The project students are also working with the UC Davis Graduate School of Management and the Division of Social Sciences to create a business plan for the home.
“We want to use this as a way to showcase the ability for zero net energy to be affordable and to do it with a business model in place to implement change in California,” said faculty adviser Frank Loge, a professor of civil and environmental engineering. “If we don't win the competition and still market it, some of us will feel like this has been a very successful effort.”
Nothing but net
UC Davis has proven itself a national leader in zero-net-energy design. In 2011, it opened West Village, a public-private partnership with West Village Community Partnership LLC and the nation's largest planned zero-net-energy community. This past spring, it debuted the Honda Smart Home, which produces enough renewable energy to power both the home and a Honda Fit electric vehicle in its garage.
Private builders and homeowners worldwide have also taken on the challenge of creating homes that produce as much energy as they consume, and the California Public Utilities Commission has a goal for all new residential homes to be zero net energy by 2020. Yet such residences still tend to fall on the upper financial spectrum of the real est
ate market.
“As part of our effort at UC Davis, we want to make zero-net-energy housing affordable for everyone,” Loge said. “We're trying to drive down the price point of zero-net-energy housing to help the housing market understand that you can have affordable, nice homes that are zero net energy.”
Big cut in price
Price estimates for most homes that compete in the Decathlon range from $300 to $350 per square foot.
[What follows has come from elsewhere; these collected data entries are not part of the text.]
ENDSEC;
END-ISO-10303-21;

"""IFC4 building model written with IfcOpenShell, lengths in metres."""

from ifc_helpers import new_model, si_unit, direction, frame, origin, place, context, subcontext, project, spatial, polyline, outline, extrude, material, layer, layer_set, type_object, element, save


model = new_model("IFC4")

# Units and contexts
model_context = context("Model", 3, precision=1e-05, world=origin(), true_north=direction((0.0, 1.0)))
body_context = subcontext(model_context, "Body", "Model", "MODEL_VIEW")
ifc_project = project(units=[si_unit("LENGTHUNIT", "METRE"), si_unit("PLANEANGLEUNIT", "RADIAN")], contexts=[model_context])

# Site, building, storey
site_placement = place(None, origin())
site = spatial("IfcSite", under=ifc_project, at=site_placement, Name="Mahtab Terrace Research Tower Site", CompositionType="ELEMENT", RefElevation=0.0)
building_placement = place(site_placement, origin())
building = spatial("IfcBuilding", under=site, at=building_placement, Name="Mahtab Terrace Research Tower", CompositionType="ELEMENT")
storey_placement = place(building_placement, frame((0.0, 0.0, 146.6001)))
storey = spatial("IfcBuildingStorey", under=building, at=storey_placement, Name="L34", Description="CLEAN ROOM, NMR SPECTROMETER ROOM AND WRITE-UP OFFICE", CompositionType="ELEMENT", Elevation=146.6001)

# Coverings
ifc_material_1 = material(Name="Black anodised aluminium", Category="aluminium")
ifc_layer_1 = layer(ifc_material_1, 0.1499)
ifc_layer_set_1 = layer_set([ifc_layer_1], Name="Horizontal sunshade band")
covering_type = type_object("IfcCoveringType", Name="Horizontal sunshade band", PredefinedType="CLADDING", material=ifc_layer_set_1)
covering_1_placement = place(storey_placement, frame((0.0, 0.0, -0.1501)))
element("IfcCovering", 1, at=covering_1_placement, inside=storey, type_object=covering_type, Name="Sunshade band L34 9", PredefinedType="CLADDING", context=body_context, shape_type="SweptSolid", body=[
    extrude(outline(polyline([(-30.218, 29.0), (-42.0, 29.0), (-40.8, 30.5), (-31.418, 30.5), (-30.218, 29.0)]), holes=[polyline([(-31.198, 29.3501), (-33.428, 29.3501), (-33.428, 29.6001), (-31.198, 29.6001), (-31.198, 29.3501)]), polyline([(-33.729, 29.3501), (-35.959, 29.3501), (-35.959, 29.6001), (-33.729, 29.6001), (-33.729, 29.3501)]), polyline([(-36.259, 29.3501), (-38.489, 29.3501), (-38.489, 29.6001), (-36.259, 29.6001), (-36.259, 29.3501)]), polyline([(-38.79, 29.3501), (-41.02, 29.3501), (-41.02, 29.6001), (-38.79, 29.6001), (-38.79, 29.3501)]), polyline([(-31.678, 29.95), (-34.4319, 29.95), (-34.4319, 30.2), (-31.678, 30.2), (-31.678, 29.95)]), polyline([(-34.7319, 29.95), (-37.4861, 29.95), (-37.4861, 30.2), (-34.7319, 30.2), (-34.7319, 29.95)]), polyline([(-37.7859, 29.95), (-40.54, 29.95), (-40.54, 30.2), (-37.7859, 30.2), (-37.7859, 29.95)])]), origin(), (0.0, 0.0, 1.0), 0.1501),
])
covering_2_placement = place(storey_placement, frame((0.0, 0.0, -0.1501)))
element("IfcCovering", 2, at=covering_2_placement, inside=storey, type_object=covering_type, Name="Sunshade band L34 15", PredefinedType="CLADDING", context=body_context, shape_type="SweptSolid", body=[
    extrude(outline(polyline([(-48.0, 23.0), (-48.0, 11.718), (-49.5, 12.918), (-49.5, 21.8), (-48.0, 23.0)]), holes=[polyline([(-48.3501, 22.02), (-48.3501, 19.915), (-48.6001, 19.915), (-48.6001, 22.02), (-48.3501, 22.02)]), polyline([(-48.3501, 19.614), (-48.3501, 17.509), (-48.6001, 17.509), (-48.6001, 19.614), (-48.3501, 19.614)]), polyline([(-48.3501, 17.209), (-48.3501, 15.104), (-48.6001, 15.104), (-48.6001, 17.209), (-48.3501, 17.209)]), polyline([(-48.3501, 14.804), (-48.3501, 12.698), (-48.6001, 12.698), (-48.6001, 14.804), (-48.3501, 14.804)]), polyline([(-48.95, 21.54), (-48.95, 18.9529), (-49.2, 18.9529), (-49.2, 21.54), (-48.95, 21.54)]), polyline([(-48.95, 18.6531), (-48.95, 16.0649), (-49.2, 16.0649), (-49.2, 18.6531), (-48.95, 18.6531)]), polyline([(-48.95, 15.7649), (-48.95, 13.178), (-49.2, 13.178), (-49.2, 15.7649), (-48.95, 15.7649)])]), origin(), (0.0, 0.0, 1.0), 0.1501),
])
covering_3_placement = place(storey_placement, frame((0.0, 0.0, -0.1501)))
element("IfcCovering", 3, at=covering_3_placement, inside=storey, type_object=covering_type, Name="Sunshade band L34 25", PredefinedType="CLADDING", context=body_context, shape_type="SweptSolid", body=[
Team Aggie Sol intends to cut that price by more than half, to $70 to $150 per square foot.
One way they're doing that is by creating a relatively simple, modular design using prefabricated materials. The Aggie Sol design also addresses the health and living concerns associated with farmworkers' current housing conditions, such as poor air quality, crowding and lack of shade.
The home combines public and private spaces in three linear zones: Two climate-controlled living spaces are separated by an enclosed deck. The zones act as climate buffers that maximize passive cooling in summer and passive heating in winter. It will also feature “smart home” technology that aligns the home's needs with the electrical grid, communicating with the resident and power provider to manage energy systems more effectively.
The team plans to begin building the house in January on the UC Davis campus but has not yet chosen a location. Loge said they intend for the home to be built in a public place.
The Department of Energy provided a $50,000 grant to Aggie Sol, while the team is attempting to raise at least another $700,000 for training, travel, equipment, uniforms and team-building costs.